A long-standing problem at the frontier of biomechanical studies is to develop fast methods capable of estimating material properties from clinical data. In this paper, we have studied three surrogate models based on machine learning (ML) methods for fast parameter estimation of left ventricular (LV) myocardium. We use three ML methods named K-nearest neighbour (KNN), XGBoost and multi-layer perceptron (MLP) to emulate the relationships between pressure and volume strains during the diastolic filling. Firstly, to train the surrogate models, a forward finite-element simulator of LV diastolic filling is used. Then the training data are projected in a low-dimensional parametrized space. Next, three ML models are trained to learn the relationships of pressure–volume and pressure–strain. Finally, an inverse parameter estimation problem is formulated by using those trained surrogate models. Our results show that the three ML models can learn the relationships of pressure–volume and pressure–strain very well, and the parameter inference using the surrogate models can be carried out in minutes. Estimated parameters from both the XGBoost and MLP models have much less uncertainties compared with the KNN model. Our results further suggest that the XGBoost model is better for predicting the LV diastolic dynamics and estimating passive parameters than other two surrogate models. Further studies are warranted to investigate how XGBoost can be used for emulating cardiac pump function in a multi-physics and multi-scale framework.

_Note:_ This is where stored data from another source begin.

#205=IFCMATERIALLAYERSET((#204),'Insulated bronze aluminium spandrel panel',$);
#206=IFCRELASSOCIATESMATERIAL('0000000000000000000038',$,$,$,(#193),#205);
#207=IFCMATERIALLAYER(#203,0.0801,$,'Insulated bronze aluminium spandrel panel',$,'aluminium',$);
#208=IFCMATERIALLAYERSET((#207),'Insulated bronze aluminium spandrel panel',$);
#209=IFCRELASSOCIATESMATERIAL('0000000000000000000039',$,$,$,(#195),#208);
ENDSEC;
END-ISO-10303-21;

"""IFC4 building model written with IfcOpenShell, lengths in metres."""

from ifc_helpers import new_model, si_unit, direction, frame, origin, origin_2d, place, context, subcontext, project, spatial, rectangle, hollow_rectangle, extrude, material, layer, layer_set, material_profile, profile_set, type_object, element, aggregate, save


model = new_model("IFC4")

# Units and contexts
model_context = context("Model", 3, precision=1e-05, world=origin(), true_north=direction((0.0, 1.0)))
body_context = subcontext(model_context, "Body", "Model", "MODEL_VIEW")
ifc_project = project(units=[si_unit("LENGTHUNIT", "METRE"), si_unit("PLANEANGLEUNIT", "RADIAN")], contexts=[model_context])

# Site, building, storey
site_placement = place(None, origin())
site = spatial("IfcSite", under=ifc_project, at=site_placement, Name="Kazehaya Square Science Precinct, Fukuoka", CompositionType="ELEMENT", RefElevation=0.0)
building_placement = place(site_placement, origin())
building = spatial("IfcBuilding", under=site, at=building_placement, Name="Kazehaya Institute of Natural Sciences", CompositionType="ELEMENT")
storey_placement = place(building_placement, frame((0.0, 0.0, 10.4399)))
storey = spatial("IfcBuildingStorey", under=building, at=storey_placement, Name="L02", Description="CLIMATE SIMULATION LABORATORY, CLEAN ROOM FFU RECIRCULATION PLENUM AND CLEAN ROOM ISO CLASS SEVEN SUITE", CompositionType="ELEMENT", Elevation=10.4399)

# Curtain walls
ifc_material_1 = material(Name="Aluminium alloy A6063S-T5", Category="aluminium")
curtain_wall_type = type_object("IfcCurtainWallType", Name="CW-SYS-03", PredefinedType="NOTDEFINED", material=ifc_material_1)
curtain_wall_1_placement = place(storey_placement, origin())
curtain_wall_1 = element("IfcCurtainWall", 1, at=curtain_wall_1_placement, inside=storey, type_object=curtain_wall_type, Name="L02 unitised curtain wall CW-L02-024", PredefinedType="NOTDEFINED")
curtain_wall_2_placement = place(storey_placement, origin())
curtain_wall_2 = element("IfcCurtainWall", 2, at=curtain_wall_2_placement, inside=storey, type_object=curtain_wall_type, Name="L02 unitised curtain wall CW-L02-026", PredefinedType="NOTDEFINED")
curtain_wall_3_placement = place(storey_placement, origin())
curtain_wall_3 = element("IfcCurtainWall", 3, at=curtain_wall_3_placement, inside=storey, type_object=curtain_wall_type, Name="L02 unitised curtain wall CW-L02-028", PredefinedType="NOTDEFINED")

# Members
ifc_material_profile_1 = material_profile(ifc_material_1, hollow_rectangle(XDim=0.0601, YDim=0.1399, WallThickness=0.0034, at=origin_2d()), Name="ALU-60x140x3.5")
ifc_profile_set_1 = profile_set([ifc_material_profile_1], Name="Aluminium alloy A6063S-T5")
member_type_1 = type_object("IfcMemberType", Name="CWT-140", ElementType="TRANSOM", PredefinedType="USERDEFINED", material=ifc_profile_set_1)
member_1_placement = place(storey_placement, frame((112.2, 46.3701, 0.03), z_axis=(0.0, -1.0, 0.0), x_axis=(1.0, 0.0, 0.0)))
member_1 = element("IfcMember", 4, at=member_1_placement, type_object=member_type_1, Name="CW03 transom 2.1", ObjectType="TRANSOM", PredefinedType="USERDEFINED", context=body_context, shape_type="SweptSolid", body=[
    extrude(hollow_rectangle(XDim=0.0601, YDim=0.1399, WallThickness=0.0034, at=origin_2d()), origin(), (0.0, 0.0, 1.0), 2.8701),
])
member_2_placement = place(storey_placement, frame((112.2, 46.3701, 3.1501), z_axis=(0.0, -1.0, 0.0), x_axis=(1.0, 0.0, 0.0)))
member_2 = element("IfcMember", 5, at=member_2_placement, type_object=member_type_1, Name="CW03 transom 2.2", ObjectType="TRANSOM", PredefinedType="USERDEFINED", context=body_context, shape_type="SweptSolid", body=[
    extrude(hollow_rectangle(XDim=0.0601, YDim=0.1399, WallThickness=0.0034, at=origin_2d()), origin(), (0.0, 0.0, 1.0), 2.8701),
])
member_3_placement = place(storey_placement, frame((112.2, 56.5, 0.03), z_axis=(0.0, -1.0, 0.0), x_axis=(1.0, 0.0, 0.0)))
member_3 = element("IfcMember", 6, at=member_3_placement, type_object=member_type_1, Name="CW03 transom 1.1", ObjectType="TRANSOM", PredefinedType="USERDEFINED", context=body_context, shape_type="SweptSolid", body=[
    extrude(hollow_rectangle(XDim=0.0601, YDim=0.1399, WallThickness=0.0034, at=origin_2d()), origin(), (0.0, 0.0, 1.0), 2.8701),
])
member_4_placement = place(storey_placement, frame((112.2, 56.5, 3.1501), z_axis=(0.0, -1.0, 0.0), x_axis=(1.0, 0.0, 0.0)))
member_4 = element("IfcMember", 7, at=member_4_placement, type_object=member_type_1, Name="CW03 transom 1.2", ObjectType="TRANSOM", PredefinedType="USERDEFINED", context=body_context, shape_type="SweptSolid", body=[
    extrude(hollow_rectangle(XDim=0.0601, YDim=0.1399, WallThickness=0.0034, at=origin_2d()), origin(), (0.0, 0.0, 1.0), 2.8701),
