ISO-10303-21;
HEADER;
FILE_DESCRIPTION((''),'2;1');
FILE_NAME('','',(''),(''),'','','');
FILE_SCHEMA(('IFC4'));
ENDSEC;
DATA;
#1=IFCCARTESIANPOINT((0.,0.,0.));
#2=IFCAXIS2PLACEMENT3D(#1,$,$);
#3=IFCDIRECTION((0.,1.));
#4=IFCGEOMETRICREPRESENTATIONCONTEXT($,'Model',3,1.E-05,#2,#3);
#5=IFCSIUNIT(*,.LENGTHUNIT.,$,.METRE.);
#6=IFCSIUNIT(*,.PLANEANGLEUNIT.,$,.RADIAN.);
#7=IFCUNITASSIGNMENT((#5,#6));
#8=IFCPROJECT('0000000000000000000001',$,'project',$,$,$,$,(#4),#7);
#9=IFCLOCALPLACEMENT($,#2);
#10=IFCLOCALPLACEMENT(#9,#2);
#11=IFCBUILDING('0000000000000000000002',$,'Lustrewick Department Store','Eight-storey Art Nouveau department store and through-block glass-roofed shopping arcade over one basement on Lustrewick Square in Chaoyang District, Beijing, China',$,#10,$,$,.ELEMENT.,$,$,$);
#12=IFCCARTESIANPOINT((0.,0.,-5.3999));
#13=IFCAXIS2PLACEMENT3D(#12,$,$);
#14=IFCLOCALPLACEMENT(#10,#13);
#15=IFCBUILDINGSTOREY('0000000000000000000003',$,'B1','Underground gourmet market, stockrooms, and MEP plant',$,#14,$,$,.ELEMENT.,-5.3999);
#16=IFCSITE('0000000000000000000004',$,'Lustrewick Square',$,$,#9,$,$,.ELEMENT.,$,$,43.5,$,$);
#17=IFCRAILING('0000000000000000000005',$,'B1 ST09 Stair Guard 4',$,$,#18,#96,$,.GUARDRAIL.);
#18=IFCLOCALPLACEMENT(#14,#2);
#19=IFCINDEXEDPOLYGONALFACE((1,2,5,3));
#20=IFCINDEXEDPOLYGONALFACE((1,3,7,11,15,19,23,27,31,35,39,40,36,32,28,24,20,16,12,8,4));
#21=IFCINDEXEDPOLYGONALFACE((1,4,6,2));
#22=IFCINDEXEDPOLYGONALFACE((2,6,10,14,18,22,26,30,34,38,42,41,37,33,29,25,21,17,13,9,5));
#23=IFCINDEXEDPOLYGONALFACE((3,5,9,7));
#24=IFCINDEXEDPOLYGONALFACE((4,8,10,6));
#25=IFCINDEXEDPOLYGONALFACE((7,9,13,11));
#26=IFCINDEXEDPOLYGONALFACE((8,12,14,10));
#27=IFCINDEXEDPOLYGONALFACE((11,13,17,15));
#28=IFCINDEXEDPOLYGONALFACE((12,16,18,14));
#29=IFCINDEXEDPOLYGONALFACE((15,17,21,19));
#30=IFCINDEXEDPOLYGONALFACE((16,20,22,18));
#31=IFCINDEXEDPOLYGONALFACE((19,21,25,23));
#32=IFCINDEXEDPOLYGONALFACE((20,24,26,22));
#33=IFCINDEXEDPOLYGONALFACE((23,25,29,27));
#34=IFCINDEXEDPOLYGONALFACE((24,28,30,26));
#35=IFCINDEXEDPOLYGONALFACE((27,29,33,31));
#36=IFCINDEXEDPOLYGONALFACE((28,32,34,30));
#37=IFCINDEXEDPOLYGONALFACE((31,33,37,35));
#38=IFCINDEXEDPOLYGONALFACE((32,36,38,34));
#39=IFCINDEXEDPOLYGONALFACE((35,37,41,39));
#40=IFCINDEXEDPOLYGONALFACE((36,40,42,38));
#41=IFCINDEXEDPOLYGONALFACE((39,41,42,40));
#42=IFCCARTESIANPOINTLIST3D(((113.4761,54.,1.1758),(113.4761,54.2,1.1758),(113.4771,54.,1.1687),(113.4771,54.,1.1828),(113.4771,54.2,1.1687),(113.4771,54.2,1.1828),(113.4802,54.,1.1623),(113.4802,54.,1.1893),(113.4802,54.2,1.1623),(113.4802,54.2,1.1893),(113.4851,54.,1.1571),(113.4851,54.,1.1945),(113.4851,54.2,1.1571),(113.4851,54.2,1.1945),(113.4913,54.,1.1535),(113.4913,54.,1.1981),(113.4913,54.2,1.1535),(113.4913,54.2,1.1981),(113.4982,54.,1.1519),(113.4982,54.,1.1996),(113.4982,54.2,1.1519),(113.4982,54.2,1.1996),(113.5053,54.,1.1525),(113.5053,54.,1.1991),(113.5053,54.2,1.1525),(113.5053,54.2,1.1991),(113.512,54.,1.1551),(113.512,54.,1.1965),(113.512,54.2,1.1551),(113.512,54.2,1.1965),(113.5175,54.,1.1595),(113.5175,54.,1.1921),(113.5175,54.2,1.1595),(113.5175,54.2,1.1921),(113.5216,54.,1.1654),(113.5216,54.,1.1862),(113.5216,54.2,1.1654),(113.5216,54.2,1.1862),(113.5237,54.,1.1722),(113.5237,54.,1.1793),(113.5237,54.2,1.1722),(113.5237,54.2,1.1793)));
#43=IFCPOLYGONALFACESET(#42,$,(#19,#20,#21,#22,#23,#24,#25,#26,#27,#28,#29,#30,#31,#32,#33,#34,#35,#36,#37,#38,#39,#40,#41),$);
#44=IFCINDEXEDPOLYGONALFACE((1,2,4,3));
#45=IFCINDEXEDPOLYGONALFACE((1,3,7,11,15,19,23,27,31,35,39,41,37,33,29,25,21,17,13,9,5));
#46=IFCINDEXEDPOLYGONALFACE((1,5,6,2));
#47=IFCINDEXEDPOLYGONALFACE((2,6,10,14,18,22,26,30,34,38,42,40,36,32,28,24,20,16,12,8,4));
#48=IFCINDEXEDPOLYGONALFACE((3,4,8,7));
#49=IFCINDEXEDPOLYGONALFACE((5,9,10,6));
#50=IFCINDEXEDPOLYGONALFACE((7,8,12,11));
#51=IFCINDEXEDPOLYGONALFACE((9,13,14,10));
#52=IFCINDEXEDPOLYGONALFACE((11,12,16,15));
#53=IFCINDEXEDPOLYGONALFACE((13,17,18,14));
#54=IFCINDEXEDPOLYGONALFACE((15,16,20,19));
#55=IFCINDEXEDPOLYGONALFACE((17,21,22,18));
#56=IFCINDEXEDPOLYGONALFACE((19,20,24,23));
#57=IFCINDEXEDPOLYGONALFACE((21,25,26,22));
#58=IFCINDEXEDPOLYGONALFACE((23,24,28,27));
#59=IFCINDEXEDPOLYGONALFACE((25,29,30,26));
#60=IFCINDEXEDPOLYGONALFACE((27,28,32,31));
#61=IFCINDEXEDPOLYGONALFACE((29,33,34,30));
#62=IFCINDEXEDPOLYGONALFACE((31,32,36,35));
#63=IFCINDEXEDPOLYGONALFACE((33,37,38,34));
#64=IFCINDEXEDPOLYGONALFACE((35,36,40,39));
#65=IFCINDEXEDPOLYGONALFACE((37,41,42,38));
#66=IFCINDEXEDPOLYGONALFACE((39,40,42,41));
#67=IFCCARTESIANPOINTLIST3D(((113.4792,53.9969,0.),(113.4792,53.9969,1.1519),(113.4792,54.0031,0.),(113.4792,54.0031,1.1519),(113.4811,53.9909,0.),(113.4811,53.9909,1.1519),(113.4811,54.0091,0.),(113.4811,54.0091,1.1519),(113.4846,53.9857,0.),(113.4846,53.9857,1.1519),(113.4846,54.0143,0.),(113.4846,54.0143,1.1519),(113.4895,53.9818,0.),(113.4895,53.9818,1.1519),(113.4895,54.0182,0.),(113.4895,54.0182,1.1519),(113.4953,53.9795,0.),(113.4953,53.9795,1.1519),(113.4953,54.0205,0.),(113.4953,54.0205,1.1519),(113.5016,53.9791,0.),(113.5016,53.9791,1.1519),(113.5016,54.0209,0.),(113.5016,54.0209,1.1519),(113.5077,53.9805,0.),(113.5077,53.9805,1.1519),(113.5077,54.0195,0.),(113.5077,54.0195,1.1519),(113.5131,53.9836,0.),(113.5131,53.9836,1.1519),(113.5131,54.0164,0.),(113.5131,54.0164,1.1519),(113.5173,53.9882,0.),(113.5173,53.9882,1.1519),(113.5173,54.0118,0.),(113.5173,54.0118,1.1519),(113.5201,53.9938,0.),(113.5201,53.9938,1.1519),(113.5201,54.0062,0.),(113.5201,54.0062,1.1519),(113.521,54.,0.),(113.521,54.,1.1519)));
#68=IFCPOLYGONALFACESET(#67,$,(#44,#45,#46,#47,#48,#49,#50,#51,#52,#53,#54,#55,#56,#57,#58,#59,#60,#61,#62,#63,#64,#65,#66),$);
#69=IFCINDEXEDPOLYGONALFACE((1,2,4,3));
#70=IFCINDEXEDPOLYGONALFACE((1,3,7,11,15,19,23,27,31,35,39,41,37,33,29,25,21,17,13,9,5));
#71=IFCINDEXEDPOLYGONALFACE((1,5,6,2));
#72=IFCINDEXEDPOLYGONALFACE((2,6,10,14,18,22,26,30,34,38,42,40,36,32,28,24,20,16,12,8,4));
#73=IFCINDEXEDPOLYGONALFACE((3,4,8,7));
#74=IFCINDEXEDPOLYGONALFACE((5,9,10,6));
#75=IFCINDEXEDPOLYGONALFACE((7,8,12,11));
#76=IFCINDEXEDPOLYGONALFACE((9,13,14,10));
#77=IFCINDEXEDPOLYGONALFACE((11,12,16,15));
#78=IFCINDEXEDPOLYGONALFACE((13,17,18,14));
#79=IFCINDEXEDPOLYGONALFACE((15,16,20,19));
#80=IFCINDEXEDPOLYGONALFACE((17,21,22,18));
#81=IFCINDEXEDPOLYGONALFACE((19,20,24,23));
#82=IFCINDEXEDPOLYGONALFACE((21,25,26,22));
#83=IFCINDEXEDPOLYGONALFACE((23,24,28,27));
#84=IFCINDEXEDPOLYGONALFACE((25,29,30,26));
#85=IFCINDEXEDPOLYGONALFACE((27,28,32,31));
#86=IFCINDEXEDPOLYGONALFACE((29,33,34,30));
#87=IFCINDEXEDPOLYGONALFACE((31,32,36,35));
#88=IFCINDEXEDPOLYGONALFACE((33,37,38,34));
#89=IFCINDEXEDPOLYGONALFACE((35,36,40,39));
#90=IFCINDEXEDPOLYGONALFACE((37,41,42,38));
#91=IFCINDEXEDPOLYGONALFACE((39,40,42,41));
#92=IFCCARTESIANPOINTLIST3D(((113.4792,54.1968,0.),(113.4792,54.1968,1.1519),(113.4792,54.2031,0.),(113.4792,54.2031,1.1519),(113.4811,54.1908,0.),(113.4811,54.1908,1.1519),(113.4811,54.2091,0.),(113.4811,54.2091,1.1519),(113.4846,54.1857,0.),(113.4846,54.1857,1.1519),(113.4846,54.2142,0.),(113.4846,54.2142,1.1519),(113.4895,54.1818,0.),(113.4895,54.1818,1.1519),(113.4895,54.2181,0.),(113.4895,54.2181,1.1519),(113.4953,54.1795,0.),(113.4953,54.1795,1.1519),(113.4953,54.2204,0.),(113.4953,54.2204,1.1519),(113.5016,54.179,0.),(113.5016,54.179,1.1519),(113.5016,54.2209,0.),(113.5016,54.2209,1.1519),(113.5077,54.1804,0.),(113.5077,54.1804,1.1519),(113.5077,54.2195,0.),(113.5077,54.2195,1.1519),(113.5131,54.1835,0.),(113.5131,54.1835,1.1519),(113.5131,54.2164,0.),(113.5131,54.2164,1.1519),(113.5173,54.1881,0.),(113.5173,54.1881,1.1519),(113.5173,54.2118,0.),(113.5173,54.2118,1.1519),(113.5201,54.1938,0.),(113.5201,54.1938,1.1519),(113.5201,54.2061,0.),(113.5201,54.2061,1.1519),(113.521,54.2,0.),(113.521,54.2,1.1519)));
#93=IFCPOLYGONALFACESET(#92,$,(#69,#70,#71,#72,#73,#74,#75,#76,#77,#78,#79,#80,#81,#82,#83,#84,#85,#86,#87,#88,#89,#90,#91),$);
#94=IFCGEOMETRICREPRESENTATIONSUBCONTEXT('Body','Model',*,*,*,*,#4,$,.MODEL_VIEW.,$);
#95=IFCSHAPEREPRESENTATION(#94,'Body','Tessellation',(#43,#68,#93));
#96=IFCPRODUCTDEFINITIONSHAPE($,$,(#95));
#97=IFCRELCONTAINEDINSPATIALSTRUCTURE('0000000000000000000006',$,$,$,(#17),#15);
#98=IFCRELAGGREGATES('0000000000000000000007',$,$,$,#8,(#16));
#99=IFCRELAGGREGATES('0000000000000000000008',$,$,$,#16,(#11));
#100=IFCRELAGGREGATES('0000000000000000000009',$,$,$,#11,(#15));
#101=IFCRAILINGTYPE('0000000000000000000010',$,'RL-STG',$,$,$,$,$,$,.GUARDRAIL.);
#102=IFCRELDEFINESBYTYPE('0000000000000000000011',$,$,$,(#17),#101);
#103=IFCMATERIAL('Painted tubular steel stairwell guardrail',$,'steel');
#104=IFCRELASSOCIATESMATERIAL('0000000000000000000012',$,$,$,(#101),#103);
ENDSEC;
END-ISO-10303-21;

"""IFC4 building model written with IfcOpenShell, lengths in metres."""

from ifc_helpers import new_model, si_unit, direction, frame, origin, origin_2d, place, context, subcontext, project, spatial, circle, extrude, material, type_object, element, save


model = new_model("IFC4")

# Units and contexts
model_context = context("Model", 3, precision=1e-05, world=origin(), true_north=direction((0.0, 1.0)))
body_context = subcontext(model_context, "Body", "Model", "MODEL_VIEW")
ifc_project = project(units=[si_unit("LENGTHUNIT", "METRE"), si_unit("PLANEANGLEUNIT", "RADIAN")], contexts=[model_context])

# Site, building, storey
site_placement = place(None, origin())
site = spatial("IfcSite", under=ifc_project, at=site_placement, Name="Lustrewick Square", CompositionType="ELEMENT", RefElevation=43.5)
building_placement = place(site_placement, origin())
building = spatial("IfcBuilding", under=site, at=building_placement, Name="Lustrewick Department Store", Description="Eight-storey Art Nouveau department store and through-block glass-roofed shopping arcade over one basement on Lustrewick Square in Chaoyang District, Beijing, China", CompositionType="ELEMENT")
storey_placement = place(building_placement, frame((0.0, 0.0, -5.3999)))
storey = spatial("IfcBuildingStorey", under=building, at=storey_placement, Name="B1", Description="Underground gourmet market, stockrooms, and MEP plant", CompositionType="ELEMENT", Elevation=-5.3999)

# Railing
ifc_material_1 = material(Name="Painted tubular steel stairwell guardrail", Category="steel")
railing_type_1 = type_object("IfcRailingType", Name="RL-STG", PredefinedType="GUARDRAIL", material=ifc_material_1)
railing_1_placement = place(storey_placement, frame((113.5, 54.0, 0.0)))
element("IfcRailing", 1, at=railing_1_placement, inside=storey, type_object=railing_type_1, Name="B1 ST09 Stair Guard 4", PredefinedType="GUARDRAIL", context=body_context, shape_type="SweptSolid", body=[
    extrude(circle(Radius=0.0239, at=origin_2d()), frame((0.0, 0.0, 1.1758), z_axis=(0.0, 1.0, 0.0), x_axis=(-1.0, 0.0, 0.0)), (0.0, 0.0, 1.0), 0.2),
    extrude(circle(Radius=0.021, at=origin_2d()), origin(), (0.0, 0.0, 1.0), 1.1519),
    extrude(circle(Radius=0.021, at=origin_2d()), frame((0.0, 0.2, 0.0)), (0.0, 0.0, 1.0), 1.1519),
])

save(model, "model.ifc")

机译:生物力学研究前沿的长期问题是开发能够从临床数据估算材料特性的快速方法。在本文中,我们研究了基于机器学习(ML)方法的三种代理模型,用于快速参数估计左心室(LV)心肌。我们使用三毫升命名为k最近邻(knn)的方法,Xgboost和多层的Perceptron(MLP)来模拟舒张填充过程中压力和体积菌株之间的关系。首先,为了培训代理模型,使用了一种直接的LV舒张填充的有限元模拟器。然后将训练数据投影在低维参数化空间中。接下来,培训三个ML模型以学习压力体积和压力应变的关系。最后,通过使用那些训练的代理模型来制定逆参数估计问题。我们的结果表明,三毫升型号可以很好地学习压力体积和压力 - 应变的关系,并且使用替代模型的参数推断可以在几分钟内进行。与KNN模型相比,来自XGBoost和MLP模型的估计参数具有远使不确定性远得多。我们的结果进一步表明,XGBoost模型更好地预测LV舒张动力学和估算被动参数,而不是其他两个代理模型。有必要进一步研究来调查XGBoost如何用于在多物理和多尺度框架中模拟心脏泵功能。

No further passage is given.